Garder les pieds sur terre et la tête dans les étoiles, n’est plus une vue de l’esprit. Le tourisme spatial est à nos portes et pourrait constituer un formidable segment de croissance pour une profession sans cesse en quête de nouveaux « espaces ». Toute cette semaine, Michèle Sani, vous décroche la lune et vous prête sa plume pour écrire un mot sur l’état des lieux et les opportunités du secteur. Voici le 1er volet de l'Odyssée de l'Espace tourisme.
lire le Dossier de Michèle SANI


Rédigé par Michèle SANI le Lundi 19 Mai 2008

I – Tourisme spatial : quand la fiction devient réalité tangible...
Un voyage dans l'espace reste, à ce jour, un caprice fort coûteux de milliardaire mais la rapidité des progrès technologiques et le besoin de dépassement de soi révèlent d'énormes potentialités.

Tous les acteurs engagés dans ce secteur travaillent à abaisser le coût d'un vols spatial afin de le rendre accessible au plus grand nombre.

Une étude réalisée par Consult'Tours (*) démontre que le tourisme spatial n'est plus une utopie et détaille ses perspectives, ses potentialités et ses impacts en matière d'écologie, de droit et d'assurances.

A ce jour ils ne sont que cinq touristes terriens, âgés de 35 à 67 ans, à avoir eu le privilège de « caresser les étoiles ».

Ingénieur en aéronautique, informaticien ou physicien, quatre hommes et une femme très fortunés ont réalisé ce rêve, un voyage dans le cosmos, pour un « panier moyen » de quelque 20 millions de dollars chacun. Cependant, doucement mais sûrement, le tourisme spatial s'ouvre au monde marchand.

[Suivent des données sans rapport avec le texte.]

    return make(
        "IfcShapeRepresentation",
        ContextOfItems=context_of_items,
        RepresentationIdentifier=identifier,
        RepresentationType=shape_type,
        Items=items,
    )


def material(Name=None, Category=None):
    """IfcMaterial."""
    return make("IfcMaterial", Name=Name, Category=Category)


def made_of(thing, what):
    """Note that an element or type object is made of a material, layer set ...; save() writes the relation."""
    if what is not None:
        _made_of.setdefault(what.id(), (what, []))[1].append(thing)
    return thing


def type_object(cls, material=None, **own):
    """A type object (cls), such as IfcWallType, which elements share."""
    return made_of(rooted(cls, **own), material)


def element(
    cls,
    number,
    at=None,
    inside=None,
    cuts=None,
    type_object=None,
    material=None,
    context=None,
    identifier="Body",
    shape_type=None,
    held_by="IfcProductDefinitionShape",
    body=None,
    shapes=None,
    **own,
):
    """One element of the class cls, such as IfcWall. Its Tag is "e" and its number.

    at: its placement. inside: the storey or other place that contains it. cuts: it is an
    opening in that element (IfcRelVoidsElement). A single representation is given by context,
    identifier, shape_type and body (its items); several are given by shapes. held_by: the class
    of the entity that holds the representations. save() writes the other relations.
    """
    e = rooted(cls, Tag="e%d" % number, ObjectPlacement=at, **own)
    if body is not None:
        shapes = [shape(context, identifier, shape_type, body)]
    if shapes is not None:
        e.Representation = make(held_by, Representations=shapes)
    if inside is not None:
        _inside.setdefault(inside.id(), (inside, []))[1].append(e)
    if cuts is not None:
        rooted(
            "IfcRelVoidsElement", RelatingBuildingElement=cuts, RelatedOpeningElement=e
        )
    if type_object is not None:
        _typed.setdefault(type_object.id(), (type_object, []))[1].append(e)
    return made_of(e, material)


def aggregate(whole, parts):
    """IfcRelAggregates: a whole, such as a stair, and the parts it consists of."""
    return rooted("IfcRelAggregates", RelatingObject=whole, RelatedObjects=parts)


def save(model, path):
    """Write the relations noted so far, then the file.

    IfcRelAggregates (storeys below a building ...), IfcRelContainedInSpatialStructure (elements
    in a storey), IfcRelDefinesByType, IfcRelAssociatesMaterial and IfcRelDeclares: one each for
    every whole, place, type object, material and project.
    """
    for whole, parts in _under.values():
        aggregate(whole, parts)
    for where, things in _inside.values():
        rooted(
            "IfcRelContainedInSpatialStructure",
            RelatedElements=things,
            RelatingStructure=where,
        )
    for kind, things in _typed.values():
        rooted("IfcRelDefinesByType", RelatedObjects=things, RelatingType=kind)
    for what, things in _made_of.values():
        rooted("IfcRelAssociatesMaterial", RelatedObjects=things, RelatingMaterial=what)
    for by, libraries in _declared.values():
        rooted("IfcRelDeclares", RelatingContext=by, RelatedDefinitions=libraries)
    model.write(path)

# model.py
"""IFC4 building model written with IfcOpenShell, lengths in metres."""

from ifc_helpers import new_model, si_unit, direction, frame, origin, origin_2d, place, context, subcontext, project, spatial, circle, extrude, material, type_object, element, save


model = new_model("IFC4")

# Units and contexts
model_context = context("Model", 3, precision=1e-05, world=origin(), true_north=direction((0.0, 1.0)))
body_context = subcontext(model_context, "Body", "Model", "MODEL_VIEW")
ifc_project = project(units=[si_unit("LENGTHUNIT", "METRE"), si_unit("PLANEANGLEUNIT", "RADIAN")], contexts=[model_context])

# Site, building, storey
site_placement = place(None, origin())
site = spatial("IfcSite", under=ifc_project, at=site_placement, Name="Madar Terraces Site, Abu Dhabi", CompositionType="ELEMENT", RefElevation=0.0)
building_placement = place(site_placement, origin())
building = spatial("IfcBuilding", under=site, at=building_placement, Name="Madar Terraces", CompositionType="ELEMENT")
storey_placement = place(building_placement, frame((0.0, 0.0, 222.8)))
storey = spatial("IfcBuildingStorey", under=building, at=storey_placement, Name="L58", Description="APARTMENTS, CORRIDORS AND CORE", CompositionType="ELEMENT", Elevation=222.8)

Certains opérateurs de tourisme le considèrent déjà comme un marché émergent promis à une forte croissance. Voici un an, Jean François Rial créait l'évènement en annonçant que Voyageurs du Monde serait le premier voyagiste européen à se lancer dans l''extraordinaire aventure du tourisme spatial. Preuve à l'appui : son accord exclusif avec Virgin Galactic, la société créée par Richard Branson en 2005.

Un « panier moyen » de... 20 millions de dollars !

Les acteurs du tourisme spatial s'organisent donc pour accueillir dans les meilleures conditions possibles des passagers privés et payants.

Ils s'appellent Space Adventure, Bigelow Aerospace, Blue Origin, EADS Astrium, PlanetSpace, Rocket plane Kistler, Space X, Virgin Galactic et possèdent des chercheurs et des équipes de techniciens sur expérimentés qui travaillent d'arrache pied pour lancer leurs programmes et prendre place le marché du tourisme spatial.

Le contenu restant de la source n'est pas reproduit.